Aviz details ONES 4.0 GPU monitoring
Aviz introduced ONES 4.0 to deliver vendor-neutral monitoring, health dashboards, and customizable alerts after Meta's Llama-3 training found 78% of interruptions were hardware-related, underscoring risk to enterprise Graphics Processing Unit (GPU) clusters at scale.
Research overview
Meta trained Llama-3 405B across 24,000 GPUs on a three-layer Clos fabric and completed a 54-day training run that recorded interruption types and frequencies.
The dataset from that run attributed 78% of interruptions to hardware issues rather than training strategies or model design.
Key findings
Faulty GPUs accounted for about 30% of failures, memory errors for roughly 17%, and network switches or cabling for about 8%, with host maintenance and software bugs contributing additional incidents.
The reported distribution concentrated failures in compute and network hardware layers during large-scale training.
Technical breakdown
Observed GPU problems included uneven device utilization, Elliptic Curve Cryptography (ECC) events that distinguished single-bit warnings from double-bit critical errors, thermal or power throttling, and progressive hardware degradation caught by health checks.
Network-level causes cited switch and cable faults, while host maintenance and software issues generated further interruptions that affected workloads.
Product update
ONES 4.0 provides end-to-end monitoring across GPUs, CPUs, NICs, memory, SSDs, power, and switches and surfaces severity levels mapped to Green, Yellow, and Red; example outputs include single-bit and double-bit ECC events from utilities such as nvidia-smi.

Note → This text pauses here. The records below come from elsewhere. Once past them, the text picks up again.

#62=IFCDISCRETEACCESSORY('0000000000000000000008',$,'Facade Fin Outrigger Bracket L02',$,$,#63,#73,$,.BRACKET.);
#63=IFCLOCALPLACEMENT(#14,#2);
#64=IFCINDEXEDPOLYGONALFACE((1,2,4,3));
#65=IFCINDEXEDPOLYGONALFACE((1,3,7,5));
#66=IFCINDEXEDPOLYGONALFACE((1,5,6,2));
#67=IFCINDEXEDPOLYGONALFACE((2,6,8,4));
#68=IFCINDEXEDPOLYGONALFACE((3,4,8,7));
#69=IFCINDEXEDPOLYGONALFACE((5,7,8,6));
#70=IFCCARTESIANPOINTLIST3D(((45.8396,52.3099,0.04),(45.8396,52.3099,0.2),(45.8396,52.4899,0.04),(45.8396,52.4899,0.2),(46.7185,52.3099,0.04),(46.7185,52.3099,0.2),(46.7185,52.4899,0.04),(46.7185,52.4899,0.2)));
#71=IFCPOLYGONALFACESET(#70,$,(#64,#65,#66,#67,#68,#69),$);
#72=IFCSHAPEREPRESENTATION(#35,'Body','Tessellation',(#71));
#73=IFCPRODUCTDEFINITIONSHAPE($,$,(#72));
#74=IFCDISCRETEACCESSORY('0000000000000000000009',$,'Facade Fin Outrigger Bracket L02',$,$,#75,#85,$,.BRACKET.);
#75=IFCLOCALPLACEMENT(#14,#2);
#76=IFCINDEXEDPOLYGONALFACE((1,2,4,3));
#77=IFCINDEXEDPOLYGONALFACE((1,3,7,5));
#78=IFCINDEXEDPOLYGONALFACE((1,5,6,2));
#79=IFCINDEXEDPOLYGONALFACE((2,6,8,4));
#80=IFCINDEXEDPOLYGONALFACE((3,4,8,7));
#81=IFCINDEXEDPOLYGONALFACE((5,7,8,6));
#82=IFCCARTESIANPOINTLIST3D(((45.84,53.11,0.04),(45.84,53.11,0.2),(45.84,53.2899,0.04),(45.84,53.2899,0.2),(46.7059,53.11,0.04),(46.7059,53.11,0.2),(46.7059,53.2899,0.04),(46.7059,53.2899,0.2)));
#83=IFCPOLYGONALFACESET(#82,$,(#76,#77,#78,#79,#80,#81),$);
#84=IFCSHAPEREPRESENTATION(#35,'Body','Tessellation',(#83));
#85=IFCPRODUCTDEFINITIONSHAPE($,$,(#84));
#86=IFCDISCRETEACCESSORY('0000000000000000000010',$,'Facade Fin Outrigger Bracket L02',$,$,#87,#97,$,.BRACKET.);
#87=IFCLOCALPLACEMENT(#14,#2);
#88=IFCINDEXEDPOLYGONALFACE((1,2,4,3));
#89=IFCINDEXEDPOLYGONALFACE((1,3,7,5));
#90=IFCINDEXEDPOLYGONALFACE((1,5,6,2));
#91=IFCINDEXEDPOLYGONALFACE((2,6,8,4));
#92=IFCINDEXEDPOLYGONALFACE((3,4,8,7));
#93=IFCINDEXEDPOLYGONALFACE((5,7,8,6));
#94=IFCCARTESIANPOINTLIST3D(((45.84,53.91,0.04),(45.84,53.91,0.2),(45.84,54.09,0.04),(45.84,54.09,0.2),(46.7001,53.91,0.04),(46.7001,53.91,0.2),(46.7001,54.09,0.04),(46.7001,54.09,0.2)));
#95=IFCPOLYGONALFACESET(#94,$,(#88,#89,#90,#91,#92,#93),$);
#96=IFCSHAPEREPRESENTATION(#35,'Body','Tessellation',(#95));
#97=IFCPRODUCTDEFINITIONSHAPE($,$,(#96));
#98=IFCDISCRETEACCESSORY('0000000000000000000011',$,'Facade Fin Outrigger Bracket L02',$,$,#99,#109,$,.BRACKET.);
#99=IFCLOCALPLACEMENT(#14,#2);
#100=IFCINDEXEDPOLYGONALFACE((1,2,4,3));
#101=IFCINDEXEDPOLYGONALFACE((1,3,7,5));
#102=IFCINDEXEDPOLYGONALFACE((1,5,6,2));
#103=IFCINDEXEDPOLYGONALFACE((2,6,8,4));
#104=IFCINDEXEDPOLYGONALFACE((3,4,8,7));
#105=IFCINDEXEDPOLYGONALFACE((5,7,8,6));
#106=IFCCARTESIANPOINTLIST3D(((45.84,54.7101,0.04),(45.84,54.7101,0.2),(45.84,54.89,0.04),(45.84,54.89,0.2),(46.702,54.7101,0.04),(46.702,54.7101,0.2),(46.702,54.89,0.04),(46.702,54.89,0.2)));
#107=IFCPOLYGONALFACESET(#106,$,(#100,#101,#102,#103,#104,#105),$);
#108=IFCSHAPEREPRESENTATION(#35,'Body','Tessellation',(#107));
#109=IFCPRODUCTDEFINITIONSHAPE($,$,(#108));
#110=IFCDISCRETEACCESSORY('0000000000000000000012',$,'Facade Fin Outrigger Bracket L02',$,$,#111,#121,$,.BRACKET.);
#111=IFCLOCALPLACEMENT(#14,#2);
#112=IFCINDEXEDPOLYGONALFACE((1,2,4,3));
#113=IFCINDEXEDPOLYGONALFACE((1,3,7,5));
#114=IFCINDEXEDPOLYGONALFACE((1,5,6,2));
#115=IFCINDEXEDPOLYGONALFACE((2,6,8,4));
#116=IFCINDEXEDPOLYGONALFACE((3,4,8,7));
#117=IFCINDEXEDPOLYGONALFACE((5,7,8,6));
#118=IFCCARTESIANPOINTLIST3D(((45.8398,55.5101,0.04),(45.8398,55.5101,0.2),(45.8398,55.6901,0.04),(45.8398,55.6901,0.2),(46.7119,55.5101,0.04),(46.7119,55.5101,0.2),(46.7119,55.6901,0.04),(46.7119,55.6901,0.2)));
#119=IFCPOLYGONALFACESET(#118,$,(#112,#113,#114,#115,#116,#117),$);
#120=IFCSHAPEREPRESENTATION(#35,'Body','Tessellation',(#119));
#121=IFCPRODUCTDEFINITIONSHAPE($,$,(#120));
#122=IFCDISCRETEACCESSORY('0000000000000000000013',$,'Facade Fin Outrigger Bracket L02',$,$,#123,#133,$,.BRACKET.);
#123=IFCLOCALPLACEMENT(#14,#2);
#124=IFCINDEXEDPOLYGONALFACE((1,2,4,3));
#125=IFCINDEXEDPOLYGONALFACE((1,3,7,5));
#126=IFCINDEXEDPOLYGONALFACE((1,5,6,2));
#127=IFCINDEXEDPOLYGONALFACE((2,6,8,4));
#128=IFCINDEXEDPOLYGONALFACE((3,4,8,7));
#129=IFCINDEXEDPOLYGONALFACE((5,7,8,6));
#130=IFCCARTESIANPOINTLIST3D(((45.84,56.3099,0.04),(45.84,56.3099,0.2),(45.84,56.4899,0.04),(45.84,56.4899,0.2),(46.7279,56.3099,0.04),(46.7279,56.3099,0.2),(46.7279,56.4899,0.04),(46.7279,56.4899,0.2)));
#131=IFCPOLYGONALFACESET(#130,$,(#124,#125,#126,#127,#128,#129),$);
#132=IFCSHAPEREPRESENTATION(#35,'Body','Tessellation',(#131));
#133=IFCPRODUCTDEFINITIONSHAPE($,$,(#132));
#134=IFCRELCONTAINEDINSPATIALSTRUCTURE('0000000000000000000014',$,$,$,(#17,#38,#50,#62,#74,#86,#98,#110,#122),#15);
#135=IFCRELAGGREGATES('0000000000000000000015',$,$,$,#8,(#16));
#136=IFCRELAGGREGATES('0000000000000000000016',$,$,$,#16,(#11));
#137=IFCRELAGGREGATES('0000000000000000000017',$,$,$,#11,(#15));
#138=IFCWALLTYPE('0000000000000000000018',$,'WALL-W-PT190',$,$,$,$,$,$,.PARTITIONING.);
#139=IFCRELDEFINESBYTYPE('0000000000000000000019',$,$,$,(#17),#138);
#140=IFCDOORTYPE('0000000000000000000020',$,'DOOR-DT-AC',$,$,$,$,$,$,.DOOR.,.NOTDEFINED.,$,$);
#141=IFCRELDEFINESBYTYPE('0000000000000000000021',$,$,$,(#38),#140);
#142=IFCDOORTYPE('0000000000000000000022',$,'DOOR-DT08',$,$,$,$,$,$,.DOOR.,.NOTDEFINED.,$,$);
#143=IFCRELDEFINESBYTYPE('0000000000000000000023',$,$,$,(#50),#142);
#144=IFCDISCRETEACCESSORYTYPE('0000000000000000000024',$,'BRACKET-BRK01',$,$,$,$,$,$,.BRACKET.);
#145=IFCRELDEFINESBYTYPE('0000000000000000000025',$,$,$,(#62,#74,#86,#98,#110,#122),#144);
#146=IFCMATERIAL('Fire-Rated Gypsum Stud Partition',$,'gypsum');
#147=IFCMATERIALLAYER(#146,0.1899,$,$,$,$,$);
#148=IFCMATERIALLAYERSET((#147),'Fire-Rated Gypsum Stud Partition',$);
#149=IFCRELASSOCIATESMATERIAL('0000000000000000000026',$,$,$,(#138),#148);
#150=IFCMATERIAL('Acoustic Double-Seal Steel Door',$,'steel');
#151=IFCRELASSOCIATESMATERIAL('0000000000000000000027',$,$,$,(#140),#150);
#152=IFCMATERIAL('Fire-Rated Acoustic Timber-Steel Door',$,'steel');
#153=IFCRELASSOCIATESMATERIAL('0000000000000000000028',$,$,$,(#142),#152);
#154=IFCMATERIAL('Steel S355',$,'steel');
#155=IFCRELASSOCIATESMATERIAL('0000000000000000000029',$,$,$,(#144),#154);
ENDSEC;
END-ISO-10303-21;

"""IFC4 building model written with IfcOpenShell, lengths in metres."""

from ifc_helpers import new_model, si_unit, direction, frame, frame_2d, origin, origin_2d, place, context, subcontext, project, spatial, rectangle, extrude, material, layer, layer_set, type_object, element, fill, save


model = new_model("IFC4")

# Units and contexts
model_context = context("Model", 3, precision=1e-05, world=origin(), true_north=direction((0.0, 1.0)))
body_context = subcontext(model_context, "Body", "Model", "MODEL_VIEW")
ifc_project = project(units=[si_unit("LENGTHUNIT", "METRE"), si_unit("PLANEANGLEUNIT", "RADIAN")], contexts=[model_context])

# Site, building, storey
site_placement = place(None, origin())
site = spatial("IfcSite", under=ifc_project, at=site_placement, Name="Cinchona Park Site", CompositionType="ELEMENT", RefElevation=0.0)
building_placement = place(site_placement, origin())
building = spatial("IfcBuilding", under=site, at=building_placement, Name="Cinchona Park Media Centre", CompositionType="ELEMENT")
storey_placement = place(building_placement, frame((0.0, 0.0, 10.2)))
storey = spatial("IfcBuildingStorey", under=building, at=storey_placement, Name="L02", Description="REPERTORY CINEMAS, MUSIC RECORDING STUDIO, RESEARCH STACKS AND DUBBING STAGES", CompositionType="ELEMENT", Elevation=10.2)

The release includes a GPU dashboard with inventory and error visibility, configurable thresholds and rules for alerts, and integrations with ticketing and messaging platforms such as ServiceNow, Zendesk, and Slack; it also supports NVIDIA, AMD, SONiC, and Arista environments.
Operational impact
Configured thresholds and alerting rules let operators map utilization and error conditions to warning and critical states and automate notifications when conditions persist, enabling earlier intervention before workloads fail.
The vendor brief emphasizes that early warnings, root-cause clarity, and customizable policies can shorten recovery time and provide consistent monitoring across vendor ecosystems.
Enterprises can apply continuous, cross-vendor monitoring and configurable alerts to detect the GPU, memory, and network faults observed in Meta's Llama-3 run and to reduce service interruptions. This “Blog Signals brief” is a fact-based summary of the vendor blog.